Certified child passenger safety technicians will offer free car seat safety checks and education to parents and caregivers this Saturday, Sept. 24, beginning at 11a.m. at the Warwick Mall, 400 …
Certified child passenger safety technicians will offer free car seat safety checks and education to parents and caregivers this Saturday, Sept. 24, beginning at 11a.m. at the Warwick Mall, 400 Bald Hill Road, Warwick.
Every year, the National Highway Traffic Safety Administration (NHTSA) partners with local communities to hold Child Passenger Safety Week, which runs from September 18-24. The annual safety week caps off with National Seat Check Saturday, a day for parents and caregivers to receive free instruction on how to correctly install and use the right car seats for their kids. Technicians will help determine if your children are in the right seats for their ages and sizes and explain the importance of registering car seats with the manufacturers so you can be notified if there is a recall.
“Most parents think their kids are in the right seats and that the seats are installed the right way,” said Diana Gugliotta, Senior Manager of Public Affairs for AAA Northeast, “but the reality is that nearly half of car seats are installed incorrectly, leaving kids vulnerable to injury in a crash. National Seat Check Saturday is an opportunity for parents to make sure their children are safe in their car seats and booster seats.” Sadly, two children under 13 were killed every day in 2020 while riding in vehicles, and another 278 were injured. “Don’t wait for a crash to happen to find out if your child’s seat is installed correctly. At that point, it’s too late to check,” Gugliotta added. “Let an expert check for you so you can have that peace of mind.”
Motor vehicle crashes are a leading cause of death for children, and the latest research from NHTSA shows that 46% of car seats are misused. Using age- and size-appropriate car seats and installing them correctly are the best ways to reduce crash fatalities among children.
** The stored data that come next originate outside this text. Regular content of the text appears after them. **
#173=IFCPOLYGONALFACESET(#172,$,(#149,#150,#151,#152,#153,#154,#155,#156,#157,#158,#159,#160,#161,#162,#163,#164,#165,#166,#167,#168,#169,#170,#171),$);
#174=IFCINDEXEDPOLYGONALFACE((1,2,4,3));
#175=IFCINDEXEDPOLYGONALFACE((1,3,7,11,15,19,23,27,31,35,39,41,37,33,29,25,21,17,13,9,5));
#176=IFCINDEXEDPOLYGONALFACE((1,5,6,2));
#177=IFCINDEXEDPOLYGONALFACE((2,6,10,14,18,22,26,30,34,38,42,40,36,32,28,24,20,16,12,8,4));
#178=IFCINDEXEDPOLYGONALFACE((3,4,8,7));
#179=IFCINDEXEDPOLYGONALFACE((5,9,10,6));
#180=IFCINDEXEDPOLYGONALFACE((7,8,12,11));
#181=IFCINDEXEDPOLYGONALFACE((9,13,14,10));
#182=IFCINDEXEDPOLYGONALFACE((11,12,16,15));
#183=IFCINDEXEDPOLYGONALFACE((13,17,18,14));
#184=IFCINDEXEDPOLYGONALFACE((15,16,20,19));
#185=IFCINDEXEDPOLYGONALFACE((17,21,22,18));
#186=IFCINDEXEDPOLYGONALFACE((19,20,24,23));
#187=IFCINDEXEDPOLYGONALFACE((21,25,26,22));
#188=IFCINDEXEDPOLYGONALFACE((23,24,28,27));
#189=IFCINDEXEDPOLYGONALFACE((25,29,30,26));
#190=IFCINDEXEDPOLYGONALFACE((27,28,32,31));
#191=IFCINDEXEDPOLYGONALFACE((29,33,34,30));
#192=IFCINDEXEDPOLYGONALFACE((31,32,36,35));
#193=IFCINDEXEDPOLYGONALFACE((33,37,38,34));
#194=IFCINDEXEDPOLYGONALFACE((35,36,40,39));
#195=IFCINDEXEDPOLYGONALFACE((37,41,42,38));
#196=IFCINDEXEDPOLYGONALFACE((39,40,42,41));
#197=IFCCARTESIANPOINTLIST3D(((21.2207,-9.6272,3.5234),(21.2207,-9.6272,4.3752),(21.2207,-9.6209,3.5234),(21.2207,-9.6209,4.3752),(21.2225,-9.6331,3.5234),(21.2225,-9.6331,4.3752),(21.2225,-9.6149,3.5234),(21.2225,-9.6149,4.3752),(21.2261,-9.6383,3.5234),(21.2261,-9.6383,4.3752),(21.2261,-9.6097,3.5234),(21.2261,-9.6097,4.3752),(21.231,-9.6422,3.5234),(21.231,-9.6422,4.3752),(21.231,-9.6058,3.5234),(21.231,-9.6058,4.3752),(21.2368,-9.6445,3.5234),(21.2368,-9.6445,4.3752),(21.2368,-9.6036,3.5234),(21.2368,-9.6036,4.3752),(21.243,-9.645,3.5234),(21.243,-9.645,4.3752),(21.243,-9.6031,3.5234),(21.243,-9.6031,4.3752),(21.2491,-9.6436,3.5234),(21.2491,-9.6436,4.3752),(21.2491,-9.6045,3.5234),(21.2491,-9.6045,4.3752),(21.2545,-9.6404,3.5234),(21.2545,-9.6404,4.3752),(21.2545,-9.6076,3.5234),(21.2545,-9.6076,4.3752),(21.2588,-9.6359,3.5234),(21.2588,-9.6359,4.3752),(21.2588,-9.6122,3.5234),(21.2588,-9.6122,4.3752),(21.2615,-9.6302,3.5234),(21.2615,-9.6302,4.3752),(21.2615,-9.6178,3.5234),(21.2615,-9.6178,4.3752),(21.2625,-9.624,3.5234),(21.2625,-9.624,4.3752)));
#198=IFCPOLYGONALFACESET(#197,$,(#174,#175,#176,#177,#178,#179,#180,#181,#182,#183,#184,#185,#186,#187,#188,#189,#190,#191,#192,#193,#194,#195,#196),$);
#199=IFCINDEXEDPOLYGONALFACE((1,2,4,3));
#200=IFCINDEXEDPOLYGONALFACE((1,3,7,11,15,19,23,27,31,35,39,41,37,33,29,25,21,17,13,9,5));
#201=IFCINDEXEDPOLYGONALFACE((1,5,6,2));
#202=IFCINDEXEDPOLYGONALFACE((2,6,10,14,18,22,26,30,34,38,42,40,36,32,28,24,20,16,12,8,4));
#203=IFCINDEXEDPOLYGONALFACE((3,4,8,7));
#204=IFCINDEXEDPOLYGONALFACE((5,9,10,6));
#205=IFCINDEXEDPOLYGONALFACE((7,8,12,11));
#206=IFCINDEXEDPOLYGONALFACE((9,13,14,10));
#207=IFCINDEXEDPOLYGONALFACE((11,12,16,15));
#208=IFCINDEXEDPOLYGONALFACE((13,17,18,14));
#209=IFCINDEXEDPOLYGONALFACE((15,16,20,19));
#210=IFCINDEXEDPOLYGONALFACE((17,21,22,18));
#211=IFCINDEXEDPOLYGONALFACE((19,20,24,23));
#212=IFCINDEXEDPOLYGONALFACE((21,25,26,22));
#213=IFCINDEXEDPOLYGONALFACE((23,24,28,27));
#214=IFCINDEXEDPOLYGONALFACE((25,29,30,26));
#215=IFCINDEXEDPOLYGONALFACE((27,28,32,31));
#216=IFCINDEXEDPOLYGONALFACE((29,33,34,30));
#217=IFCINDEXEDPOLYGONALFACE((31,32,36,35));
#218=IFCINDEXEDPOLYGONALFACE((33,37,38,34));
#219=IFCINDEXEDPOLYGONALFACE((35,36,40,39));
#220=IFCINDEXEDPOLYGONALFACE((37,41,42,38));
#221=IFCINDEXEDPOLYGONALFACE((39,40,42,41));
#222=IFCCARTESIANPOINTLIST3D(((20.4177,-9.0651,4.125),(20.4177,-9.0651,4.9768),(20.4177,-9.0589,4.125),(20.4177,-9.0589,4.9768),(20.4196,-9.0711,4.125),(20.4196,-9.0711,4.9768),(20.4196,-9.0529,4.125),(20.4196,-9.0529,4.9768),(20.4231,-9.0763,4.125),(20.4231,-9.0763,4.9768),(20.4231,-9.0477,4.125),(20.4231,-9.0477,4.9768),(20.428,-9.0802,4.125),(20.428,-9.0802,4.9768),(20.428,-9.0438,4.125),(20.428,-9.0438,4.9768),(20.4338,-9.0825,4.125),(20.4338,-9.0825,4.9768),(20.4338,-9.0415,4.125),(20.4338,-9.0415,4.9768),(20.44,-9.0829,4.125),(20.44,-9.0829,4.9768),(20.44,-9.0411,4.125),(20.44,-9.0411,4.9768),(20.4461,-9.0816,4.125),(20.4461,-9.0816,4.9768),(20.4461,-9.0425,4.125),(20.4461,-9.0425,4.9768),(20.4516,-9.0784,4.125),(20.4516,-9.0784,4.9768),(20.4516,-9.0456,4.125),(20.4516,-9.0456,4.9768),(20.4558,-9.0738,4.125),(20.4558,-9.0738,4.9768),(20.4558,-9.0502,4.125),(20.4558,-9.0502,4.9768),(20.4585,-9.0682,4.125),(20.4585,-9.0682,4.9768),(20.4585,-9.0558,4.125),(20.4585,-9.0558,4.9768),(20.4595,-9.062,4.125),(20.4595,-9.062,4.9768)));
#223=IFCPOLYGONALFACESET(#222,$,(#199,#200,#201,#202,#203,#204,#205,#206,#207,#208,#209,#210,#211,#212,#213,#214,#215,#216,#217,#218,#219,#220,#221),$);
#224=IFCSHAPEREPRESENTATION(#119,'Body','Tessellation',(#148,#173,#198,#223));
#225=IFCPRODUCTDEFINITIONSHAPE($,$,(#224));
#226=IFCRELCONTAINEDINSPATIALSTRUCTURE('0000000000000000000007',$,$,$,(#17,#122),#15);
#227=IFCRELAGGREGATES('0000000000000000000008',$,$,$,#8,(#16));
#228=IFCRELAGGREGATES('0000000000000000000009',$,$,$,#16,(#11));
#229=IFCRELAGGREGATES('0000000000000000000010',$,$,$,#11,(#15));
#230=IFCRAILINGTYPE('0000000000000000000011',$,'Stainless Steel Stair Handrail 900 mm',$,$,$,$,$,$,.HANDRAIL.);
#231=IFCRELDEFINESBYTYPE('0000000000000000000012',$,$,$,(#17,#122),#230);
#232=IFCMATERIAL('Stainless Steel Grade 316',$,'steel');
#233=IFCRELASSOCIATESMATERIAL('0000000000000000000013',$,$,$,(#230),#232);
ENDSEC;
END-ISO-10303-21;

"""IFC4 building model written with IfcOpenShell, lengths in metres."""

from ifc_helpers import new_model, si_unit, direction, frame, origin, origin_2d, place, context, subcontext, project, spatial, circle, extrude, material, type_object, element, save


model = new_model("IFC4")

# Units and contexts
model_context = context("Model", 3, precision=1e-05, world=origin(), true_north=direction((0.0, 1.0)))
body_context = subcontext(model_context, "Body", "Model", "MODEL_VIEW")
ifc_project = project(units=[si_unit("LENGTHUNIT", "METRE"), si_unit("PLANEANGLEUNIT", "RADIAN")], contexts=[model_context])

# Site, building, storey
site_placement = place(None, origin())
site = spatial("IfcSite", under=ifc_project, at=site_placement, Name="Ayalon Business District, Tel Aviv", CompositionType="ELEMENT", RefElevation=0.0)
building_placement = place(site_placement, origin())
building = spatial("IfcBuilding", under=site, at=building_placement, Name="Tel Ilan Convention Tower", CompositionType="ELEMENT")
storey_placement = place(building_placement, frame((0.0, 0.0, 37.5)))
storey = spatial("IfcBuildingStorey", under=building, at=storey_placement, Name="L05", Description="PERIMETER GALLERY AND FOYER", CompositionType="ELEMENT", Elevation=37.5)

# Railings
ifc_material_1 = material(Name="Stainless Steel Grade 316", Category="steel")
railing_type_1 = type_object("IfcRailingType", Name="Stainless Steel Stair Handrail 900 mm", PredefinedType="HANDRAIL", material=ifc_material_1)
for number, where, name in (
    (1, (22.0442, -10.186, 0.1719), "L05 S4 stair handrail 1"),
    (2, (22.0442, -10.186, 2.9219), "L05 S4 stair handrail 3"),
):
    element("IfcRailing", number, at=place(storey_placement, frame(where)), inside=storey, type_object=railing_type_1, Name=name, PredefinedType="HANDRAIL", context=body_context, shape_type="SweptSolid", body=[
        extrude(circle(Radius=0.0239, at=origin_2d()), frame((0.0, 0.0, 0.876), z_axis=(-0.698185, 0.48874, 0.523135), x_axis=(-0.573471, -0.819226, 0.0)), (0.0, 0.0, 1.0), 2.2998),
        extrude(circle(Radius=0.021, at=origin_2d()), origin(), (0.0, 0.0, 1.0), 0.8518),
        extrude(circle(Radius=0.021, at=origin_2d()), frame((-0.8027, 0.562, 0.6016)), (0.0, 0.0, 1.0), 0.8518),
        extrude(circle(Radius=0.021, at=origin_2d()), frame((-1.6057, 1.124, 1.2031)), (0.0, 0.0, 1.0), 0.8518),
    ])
More than a third of children 12 and younger who died in crashes in 2020 in cars, pickups, vans, and SUVs were unbuckled.
From 2016 to 2020, there were 1,721 “tweens” (8 to 14 years old) killed in passenger vehicles, and in 2020 alone, the 8- to 12-year-old age group had the highest number of fatalities (216) among children in passenger vehicles. Booster seats are a critical step between harness car seats and adult seat belts. If the seat belt doesn’t fit your child correctly, it won’t offer them the optimal protection in a crash.
There is a deadly misconception that a certain type of vehicle may offer greater protection for your child. In 2020, 53% of the children killed while riding in light trucks were unrestrained, followed closely by SUVs (46%), passenger cars (34%), and vans (34%). Children are safest when correctly secured in the right car seats or booster seats for their ages and sizes — no matter the vehicle type. A bigger vehicle doesn’t mean your child can ride unbuckled.
One of the most common mistakes parents and caregivers make with car seats is moving their children to the next seat or position too soon. Keep children rear-facing as long as possible, up to the top height and weight allowed by their particular seats. The recommendations are based on decades of research that have shown the safest way for children to ride in vehicles. Once a child outgrows a rear-facing car seat, he or she is ready to travel in a forward-facing car seat with a harness and tether. The tether is 100% essential for installing a forward-facing car seat; it keeps the seat from moving forward in a crash. After outgrowing the forward-facing car seat, a child should be buckled in a booster seat until tall enough to fit in an adult seat belt properly. Children might ask to ditch the booster seat because it makes them feel older to ride without it, but the truth is: their safety is what matters most. Once your child is ready to use a seat belt, ensure that it fits correctly, and remember that the safest place for all kids under 13 is buckled up in the back seat.